# Paph. Robinianum 'Monster' AM



## rdlsreno (Jun 4, 2010)

My Paph. Robinianum 'Monster' got an AM! I love the dorsal sepals.

Ramon

Paph. Robinianum 'Monster' AM


----------



## SlipperFan (Jun 4, 2010)

Congrats! It's beautiful!


----------



## Paph_LdyMacBeth (Jun 4, 2010)

That really is fantastic!


----------



## SlipperKing (Jun 4, 2010)

Nice one Ramon!


----------



## goldenrose (Jun 4, 2010)

:drool::drool::drool: :clap::clap:
Give us some details ..... how many flowers, etc.


----------



## paphreek (Jun 4, 2010)

Congratulations, Ramon!


----------



## rdlsreno (Jun 5, 2010)

goldenrose said:


> :drool::drool::drool: :clap::clap:
> Give us some details ..... how many flowers, etc.




Thanks!

5 flowers & 2 buds. DW 4.3, PW 1.2. 

Ramon


----------



## JeanLux (Jun 5, 2010)

Very, very nice blooms for this lowii X parishii; Congratulations Ramon!!!! 

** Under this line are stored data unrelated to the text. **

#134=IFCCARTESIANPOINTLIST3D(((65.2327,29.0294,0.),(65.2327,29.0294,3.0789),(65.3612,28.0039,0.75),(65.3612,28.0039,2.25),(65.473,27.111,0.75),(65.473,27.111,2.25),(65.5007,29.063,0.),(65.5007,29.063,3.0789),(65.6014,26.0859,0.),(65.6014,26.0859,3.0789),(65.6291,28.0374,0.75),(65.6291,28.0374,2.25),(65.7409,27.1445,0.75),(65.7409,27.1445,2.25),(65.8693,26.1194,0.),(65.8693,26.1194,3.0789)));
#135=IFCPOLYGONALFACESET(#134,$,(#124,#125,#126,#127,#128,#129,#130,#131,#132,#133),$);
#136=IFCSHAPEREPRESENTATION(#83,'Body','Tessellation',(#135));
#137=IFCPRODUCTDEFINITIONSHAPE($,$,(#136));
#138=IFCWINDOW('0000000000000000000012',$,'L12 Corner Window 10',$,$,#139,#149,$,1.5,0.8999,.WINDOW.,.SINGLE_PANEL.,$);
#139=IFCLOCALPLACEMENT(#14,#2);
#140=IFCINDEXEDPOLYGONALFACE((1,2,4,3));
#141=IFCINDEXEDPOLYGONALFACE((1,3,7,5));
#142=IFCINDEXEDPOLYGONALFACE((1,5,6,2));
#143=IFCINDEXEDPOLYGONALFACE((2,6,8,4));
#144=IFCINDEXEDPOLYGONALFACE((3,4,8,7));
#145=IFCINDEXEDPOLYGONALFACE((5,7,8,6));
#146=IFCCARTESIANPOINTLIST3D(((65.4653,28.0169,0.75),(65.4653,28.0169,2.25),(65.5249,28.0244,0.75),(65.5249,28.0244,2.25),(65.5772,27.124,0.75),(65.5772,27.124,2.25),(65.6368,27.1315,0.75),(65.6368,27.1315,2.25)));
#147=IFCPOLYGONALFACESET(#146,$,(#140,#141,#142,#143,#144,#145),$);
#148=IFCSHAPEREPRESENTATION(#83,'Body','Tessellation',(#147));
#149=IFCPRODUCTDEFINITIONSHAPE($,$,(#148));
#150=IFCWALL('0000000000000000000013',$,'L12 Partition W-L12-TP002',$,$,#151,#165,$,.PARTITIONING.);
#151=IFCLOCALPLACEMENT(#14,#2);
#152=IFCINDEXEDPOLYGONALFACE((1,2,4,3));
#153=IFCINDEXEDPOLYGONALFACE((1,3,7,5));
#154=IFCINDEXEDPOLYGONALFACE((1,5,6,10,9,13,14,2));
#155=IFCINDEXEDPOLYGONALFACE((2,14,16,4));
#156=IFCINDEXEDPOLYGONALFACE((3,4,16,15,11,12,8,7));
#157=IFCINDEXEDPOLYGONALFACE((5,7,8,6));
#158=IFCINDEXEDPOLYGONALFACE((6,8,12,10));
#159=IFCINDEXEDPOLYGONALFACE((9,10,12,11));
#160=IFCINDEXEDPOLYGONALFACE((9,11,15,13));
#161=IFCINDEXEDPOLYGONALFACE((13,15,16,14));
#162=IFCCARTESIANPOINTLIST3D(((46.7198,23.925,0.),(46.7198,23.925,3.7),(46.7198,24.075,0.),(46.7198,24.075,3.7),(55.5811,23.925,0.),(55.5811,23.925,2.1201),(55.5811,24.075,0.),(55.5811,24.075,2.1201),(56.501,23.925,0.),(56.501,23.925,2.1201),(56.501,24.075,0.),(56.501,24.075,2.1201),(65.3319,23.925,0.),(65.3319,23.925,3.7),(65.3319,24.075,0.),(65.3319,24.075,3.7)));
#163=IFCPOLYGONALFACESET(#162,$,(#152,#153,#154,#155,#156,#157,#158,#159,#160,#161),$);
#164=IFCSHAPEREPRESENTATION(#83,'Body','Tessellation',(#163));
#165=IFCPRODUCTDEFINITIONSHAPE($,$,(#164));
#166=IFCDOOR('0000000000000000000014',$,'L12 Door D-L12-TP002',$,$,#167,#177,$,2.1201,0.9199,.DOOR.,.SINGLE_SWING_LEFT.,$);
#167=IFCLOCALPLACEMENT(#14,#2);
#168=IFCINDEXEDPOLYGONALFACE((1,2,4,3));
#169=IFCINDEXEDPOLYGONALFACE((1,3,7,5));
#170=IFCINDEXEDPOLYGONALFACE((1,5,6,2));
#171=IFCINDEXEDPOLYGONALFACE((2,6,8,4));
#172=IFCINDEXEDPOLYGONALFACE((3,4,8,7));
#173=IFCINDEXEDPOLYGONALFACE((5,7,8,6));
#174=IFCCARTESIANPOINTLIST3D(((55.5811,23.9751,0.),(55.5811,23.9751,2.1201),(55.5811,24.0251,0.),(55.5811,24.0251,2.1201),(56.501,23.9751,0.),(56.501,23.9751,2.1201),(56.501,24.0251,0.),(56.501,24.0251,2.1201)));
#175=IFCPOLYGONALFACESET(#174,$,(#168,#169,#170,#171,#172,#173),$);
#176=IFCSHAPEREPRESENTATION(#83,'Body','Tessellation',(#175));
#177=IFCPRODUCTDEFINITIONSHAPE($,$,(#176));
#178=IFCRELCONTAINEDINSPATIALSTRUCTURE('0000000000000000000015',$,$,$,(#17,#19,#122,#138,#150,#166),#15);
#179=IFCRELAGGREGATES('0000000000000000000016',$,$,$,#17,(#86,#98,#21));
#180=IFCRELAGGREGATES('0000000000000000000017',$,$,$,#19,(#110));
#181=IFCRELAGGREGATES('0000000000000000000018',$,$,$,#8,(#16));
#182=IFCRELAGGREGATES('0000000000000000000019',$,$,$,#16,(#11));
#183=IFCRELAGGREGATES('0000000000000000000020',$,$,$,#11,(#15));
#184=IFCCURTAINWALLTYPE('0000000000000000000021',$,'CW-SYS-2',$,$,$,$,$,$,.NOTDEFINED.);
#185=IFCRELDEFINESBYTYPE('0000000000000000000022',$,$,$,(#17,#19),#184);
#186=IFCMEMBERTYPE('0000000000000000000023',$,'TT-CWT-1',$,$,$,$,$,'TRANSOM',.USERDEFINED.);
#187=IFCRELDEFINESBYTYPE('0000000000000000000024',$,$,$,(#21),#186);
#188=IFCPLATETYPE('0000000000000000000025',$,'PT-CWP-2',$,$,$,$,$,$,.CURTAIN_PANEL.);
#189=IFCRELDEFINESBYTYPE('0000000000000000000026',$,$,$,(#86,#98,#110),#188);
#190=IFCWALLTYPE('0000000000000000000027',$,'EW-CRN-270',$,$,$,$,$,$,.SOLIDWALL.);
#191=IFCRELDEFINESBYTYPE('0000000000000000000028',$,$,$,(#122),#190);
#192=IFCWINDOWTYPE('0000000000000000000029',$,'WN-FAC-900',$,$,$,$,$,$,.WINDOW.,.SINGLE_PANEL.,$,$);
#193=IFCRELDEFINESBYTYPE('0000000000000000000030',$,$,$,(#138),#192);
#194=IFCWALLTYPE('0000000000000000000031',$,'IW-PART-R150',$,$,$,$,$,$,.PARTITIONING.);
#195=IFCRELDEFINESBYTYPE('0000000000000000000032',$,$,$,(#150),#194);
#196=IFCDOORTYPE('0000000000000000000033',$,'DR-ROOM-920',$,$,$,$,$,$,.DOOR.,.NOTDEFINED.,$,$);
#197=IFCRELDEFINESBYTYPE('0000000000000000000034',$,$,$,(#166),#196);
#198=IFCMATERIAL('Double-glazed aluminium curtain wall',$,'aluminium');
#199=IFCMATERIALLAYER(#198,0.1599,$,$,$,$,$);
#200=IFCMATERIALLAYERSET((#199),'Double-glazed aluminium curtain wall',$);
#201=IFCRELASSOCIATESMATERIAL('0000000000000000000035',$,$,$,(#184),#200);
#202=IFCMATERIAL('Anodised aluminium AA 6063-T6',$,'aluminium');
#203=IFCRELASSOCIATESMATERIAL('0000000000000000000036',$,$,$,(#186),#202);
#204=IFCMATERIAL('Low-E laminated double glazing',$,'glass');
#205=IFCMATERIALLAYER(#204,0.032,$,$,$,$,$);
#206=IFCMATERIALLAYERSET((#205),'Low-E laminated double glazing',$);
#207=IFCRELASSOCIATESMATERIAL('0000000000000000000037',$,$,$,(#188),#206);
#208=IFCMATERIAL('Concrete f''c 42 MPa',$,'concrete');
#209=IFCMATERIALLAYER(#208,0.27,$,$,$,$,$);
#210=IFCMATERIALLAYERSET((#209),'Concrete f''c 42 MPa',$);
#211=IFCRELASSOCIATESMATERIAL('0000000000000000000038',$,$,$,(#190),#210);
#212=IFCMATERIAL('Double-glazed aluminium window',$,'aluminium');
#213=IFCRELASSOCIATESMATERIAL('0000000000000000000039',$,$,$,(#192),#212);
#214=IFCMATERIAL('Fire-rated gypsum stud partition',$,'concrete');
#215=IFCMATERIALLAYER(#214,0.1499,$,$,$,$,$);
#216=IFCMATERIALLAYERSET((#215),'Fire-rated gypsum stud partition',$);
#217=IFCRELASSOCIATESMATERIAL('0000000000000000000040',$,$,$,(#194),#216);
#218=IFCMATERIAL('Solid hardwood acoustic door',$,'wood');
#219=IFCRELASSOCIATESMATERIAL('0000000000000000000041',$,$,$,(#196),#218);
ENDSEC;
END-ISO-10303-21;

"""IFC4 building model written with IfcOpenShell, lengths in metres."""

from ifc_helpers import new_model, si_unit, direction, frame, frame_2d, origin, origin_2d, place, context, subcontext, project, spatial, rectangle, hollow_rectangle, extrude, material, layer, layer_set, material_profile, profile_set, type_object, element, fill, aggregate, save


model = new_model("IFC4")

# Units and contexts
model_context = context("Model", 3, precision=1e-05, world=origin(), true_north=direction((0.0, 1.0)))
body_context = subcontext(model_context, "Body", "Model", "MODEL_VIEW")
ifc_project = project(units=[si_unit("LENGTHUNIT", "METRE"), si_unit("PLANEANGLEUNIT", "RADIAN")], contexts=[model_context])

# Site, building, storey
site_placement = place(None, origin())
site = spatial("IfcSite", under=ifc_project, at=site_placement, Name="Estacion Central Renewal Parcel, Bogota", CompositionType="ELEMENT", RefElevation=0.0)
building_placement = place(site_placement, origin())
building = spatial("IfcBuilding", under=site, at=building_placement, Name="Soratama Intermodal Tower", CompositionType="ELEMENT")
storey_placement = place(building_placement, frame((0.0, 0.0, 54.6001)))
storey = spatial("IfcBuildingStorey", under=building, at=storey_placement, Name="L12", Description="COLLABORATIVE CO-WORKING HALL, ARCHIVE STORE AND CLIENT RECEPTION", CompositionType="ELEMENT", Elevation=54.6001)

And your pic is too cool, looks almost like a painting!!!! Jean


----------



## Leo Schordje (Jun 5, 2010)

Wonderful, I love the wide dorsal and wide petals, gives a full appearance.


----------



## Yoyo_Jo (Jun 5, 2010)

Way to go Ramon! :clap: It's marvelous!


----------



## John Boy (Jun 5, 2010)

the dorsal and stem look albino to me! Quite a nice display!


----------



## Candace (Jun 5, 2010)

Congrats. Hopefully I'll be at the next meeting and will see you Ramon. I didn't want to do all the driving for a talk geared to newcomers.


----------



## Jorch (Jun 5, 2010)

well deserved award! i love the dorsal too, both the color and shape!


----------



## KyushuCalanthe (Jun 5, 2010)

Ramon, that is the most gorgeous monster I've ever seen, truly. Look at that dorsal! And those petals! And that...


----------



## emydura (Jun 5, 2010)

Congratulations Ramon. Super flowers. I really like this cross in general. Wish I could find one.

David


----------



## NYEric (Jun 6, 2010)

Congrats!


----------



## e-spice (Jun 6, 2010)

That's really pretty. Glad you got it awarded!

e-spice


----------



## Bob in Albany N.Y. (Jun 6, 2010)

Congratulations!!


----------



## Shiva (Jun 6, 2010)

Nice one Ramon!


----------



## L I Jane (Jun 6, 2010)

Super plant & pic!!!


----------